The above is only some embodiments of the invention, it is noted that for the ordinary skill people of the art For member, various improvements and modifications may be made without departing from the principle of the present invention, these improvements and modifications are also answered It is considered as protection scope of the present invention.

Claims

1. a kind of video human critical point detection method, which is characterized in that the described method includes:

Extract multiframe image to be detected in video to be detected；

2. the method according to claim 1, wherein described image to be detected includes current frame image and at least one A historical frames image；The step of described multiframe image to be detected extracted in video to be detected, comprising:

Extract the current frame image in the video to be detected；

At least one historical frames image in the video to be detected is extracted, the historical frames image takes the frame moment to be located at described work as It is before prior image frame and adjacent with the current frame image.
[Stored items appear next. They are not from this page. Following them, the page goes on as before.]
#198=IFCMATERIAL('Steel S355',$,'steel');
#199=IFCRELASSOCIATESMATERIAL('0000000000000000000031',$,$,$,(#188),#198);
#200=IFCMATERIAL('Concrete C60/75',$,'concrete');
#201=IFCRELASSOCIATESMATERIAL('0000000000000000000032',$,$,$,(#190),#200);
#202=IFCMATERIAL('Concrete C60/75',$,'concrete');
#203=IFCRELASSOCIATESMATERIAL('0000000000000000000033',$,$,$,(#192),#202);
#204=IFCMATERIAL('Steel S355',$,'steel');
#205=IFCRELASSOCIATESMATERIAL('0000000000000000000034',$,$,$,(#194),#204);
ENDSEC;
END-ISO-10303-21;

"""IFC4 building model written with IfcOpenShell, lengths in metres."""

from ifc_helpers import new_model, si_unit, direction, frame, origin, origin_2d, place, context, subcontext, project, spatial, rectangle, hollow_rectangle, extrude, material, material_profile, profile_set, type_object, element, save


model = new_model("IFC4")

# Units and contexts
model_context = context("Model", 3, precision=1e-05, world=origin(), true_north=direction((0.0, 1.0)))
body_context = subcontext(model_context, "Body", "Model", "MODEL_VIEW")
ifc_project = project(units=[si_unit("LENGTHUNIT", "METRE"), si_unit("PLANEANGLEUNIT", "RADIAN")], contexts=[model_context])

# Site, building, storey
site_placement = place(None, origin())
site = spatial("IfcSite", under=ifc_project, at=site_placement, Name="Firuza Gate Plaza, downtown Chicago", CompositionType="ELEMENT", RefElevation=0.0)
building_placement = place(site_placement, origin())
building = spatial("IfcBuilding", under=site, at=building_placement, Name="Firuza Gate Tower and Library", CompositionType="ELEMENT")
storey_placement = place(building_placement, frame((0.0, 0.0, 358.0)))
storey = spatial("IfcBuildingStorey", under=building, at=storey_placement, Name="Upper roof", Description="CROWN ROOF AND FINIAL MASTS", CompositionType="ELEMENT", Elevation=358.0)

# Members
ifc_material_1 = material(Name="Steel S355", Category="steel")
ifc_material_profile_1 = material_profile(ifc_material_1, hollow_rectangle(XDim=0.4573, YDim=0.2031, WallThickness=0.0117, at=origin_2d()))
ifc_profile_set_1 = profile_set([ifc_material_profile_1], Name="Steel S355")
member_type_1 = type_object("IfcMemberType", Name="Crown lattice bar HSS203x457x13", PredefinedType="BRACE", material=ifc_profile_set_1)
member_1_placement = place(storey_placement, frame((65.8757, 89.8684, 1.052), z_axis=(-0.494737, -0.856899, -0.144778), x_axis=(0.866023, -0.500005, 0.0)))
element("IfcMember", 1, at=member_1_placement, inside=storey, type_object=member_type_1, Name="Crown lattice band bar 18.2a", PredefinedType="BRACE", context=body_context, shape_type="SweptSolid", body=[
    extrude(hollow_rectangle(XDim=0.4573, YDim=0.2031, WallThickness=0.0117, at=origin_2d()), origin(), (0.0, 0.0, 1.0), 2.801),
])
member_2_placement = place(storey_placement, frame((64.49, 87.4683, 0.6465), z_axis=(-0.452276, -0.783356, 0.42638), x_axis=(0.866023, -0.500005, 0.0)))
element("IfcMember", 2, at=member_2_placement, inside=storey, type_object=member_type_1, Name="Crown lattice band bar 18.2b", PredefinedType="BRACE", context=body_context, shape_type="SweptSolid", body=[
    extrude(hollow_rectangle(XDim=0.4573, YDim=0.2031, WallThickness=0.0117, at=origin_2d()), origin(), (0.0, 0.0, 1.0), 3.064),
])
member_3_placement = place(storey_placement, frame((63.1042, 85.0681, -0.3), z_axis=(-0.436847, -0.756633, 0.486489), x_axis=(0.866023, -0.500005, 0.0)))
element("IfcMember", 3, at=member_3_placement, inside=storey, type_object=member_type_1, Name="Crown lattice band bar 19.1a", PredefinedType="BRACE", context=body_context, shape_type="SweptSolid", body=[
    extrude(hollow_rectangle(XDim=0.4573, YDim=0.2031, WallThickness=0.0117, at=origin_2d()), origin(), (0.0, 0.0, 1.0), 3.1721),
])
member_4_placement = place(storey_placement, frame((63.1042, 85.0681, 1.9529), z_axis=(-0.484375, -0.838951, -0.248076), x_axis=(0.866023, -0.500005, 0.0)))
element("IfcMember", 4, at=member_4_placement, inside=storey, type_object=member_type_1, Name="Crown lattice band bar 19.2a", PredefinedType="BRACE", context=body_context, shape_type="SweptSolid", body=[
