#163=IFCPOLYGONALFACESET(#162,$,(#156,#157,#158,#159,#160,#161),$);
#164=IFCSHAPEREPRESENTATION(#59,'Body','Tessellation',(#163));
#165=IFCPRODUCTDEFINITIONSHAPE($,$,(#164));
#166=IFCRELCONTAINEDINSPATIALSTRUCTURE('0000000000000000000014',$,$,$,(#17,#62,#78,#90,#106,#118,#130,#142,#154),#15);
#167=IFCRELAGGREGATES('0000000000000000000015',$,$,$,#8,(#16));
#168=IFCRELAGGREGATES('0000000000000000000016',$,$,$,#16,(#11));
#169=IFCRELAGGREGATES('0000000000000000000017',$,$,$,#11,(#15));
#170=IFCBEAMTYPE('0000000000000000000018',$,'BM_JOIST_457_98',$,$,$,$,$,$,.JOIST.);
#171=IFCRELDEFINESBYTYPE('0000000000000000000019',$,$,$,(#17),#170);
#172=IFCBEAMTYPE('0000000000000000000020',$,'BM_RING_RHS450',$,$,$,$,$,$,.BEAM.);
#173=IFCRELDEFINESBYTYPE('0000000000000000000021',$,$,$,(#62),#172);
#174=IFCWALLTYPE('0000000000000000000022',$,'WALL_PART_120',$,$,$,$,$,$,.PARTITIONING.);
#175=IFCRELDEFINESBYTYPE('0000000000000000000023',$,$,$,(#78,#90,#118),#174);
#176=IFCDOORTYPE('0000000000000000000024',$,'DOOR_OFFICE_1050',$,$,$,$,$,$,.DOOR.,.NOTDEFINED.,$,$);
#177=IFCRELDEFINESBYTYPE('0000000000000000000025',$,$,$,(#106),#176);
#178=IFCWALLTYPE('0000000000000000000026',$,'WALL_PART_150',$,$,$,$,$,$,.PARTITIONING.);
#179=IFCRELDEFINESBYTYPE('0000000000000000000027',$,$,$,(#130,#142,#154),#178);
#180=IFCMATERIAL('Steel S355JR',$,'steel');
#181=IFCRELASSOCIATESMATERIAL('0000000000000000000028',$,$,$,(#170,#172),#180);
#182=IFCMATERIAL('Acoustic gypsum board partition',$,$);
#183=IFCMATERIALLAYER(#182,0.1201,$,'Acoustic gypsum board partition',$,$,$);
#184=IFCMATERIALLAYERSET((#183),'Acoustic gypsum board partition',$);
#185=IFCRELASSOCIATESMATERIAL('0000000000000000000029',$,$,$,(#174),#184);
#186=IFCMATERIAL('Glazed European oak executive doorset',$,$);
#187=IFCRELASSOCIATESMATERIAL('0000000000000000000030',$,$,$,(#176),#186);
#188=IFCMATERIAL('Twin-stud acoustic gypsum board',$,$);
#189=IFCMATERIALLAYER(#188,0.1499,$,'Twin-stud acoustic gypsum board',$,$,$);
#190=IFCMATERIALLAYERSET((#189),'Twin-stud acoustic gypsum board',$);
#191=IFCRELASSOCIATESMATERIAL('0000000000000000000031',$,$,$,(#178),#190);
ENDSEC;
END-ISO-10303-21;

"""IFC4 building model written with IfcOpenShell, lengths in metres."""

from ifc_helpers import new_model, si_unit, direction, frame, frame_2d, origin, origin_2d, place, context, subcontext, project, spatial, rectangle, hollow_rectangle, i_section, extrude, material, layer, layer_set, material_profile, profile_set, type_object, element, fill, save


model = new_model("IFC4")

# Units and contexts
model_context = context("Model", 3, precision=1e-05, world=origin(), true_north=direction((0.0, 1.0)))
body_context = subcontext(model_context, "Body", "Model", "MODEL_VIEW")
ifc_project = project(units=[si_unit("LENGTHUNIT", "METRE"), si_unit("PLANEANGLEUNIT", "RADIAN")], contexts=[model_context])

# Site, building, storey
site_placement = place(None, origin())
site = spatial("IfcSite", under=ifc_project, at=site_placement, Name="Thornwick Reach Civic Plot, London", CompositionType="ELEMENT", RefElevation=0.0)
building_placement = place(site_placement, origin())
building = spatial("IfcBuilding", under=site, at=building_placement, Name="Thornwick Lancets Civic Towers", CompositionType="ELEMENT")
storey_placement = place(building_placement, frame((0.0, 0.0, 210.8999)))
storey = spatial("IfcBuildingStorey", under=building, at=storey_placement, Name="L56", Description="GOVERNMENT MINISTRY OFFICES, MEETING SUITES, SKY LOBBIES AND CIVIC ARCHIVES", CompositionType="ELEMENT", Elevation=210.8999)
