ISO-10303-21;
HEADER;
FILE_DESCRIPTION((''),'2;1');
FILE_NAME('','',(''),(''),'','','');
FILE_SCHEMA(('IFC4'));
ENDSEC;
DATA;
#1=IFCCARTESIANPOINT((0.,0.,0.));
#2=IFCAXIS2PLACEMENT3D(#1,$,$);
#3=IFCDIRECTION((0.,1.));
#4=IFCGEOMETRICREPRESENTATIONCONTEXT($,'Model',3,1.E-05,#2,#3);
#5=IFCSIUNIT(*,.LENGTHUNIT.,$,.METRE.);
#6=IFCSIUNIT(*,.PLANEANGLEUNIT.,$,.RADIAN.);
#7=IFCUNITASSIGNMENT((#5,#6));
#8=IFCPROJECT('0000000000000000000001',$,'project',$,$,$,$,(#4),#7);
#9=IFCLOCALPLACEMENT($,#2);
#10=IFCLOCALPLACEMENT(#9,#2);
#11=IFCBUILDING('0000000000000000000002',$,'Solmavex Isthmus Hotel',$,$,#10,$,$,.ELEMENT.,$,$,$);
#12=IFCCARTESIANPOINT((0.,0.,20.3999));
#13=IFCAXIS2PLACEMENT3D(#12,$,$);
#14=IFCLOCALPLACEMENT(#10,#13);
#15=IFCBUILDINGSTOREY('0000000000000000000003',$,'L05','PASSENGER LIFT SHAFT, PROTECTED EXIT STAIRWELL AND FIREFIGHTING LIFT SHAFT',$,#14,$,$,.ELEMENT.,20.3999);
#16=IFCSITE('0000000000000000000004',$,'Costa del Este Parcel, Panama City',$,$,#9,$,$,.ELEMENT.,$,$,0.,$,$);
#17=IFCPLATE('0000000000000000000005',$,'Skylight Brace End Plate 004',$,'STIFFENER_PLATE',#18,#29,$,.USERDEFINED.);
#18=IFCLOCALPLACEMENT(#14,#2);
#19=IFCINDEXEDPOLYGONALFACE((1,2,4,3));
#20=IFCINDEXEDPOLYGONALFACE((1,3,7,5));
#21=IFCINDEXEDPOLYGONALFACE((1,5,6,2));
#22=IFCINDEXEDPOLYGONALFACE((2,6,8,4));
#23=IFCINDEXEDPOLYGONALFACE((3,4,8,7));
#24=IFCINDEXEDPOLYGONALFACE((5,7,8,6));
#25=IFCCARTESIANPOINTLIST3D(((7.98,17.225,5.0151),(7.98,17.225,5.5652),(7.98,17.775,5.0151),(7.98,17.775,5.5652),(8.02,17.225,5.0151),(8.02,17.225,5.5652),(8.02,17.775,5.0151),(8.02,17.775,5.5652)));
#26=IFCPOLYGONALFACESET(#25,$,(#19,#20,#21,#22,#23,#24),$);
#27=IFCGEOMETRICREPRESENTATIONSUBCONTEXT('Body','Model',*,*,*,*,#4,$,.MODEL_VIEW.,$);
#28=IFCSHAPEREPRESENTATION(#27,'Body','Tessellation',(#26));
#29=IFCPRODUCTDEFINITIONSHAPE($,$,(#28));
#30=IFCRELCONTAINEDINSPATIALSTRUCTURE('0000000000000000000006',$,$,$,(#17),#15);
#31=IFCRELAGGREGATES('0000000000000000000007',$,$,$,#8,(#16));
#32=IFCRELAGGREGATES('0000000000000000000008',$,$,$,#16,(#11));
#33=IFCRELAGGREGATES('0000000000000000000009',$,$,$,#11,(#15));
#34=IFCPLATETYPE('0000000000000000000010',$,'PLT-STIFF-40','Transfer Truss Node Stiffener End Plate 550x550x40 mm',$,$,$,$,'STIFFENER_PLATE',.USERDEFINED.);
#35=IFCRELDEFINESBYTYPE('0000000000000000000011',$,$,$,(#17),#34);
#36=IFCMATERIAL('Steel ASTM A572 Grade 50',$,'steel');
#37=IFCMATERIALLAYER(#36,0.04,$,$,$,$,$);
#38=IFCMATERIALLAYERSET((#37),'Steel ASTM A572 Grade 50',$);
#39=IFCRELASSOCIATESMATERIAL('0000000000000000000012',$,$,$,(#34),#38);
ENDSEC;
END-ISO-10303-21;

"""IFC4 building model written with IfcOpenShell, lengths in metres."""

from ifc_helpers import new_model, si_unit, direction, frame, origin, origin_2d, place, context, subcontext, project, spatial, rectangle, extrude, material, layer, layer_set, type_object, element, save


model = new_model("IFC4")

# Units and contexts
model_context = context("Model", 3, precision=1e-05, world=origin(), true_north=direction((0.0, 1.0)))
body_context = subcontext(model_context, "Body", "Model", "MODEL_VIEW")
ifc_project = project(units=[si_unit("LENGTHUNIT", "METRE"), si_unit("PLANEANGLEUNIT", "RADIAN")], contexts=[model_context])

# Site, building, storey
site_placement = place(None, origin())
site = spatial("IfcSite", under=ifc_project, at=site_placement, Name="Costa del Este Parcel, Panama City", CompositionType="ELEMENT", RefElevation=0.0)
building_placement = place(site_placement, origin())
building = spatial("IfcBuilding", under=site, at=building_placement, Name="Solmavex Isthmus Hotel", CompositionType="ELEMENT")
storey_placement = place(building_placement, frame((0.0, 0.0, 20.3999)))
storey = spatial("IfcBuildingStorey", under=building, at=storey_placement, Name="L05", Description="PASSENGER LIFT SHAFT, PROTECTED EXIT STAIRWELL AND FIREFIGHTING LIFT SHAFT", CompositionType="ELEMENT", Elevation=20.3999)

# Plate
ifc_material_1 = material(Name="Steel ASTM A572 Grade 50", Category="steel")
ifc_layer_1 = layer(ifc_material_1, 0.04)
ifc_layer_set_1 = layer_set([ifc_layer_1], Name="Steel ASTM A572 Grade 50")
plate_type_1 = type_object("IfcPlateType", Name="PLT-STIFF-40", Description="Transfer Truss Node Stiffener End Plate 550x550x40 mm", ElementType="STIFFENER_PLATE", PredefinedType="USERDEFINED", material=ifc_layer_set_1)
for number, where, z_axis, x_axis, name in (
    (1, (8.0, 17.5, 5.0151), (0.0, 0.0, 1.0), (0.0, 1.0, 0.0), "Skylight Brace End Plate 004"),
):
    element("IfcPlate", number, at=place(storey_placement, frame(where, z_axis=z_axis, x_axis=x_axis)), inside=storey, type_object=plate_type_1, Name=name, ObjectType="STIFFENER_PLATE", PredefinedType="USERDEFINED", context=body_context, shape_type="SweptSolid", body=[
        extrude(rectangle(XDim=0.55, YDim=0.04, at=origin_2d()), origin(), (0.0, 0.0, 1.0), 0.55),
    ])

save(model, "model.ifc")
3. according to the method described in claim 2, it is characterized in that, the light stream obtained between image to be detected described in multiframe , and the step of obtaining the characteristic pattern of each described image to be detected, comprising:

4. according to the method described in claim 3, it is characterized in that, the acquisition current frame image and the historical frames figure As between optical flow field the step of, comprising:

By the current frame image and the default neural light stream network of historical frames image input, obtain the current frame image and Optical flow field between the historical frames image.

5. according to the method described in claim 4, it is characterized in that, described merge the characteristic pattern according to the optical flow field, The step of obtaining the Enhanced feature figure of described image to be detected, comprising:

6. according to the method described in claim 3, it is characterized in that, the acquisition current frame image and the historical frames figure As between optical flow field the step of, comprising:

By the current frame image and the default neural light stream network of historical frames image input, obtain the current frame image and Optical flow field between the historical frames image, also obtains scale field；Wherein, the scale field is identical as the characteristic pattern dimension.

7. according to the method described in claim 6, it is characterized in that, described merge the characteristic pattern according to the optical flow field, The step of obtaining the Enhanced feature figure of described image to be detected, comprising:

8. a kind of video human critical point detection device, which is characterized in that described device includes:

Optical-flow Feature extraction module, for obtaining the optical flow field between image to be detected described in multiframe, and obtain it is each it is described to The characteristic pattern of detection image；

Image enhancement module obtains the enhancing of described image to be detected for merging the characteristic pattern according to the optical flow field Characteristic pattern；

Critical point detection module obtains in described image to be detected for the Enhanced feature figure to be inputted default neural network Human body key point.

9. a kind of computer equipment, including memory and processor, the memory are stored with computer program, feature exists In the step of processor realizes any one of claims 1 to 7 the method when executing the computer program.

10. a kind of computer readable storage medium, is stored thereon with computer program, which is characterized in that the computer program The step of method described in any one of claims 1 to 7 is realized when being executed by processor.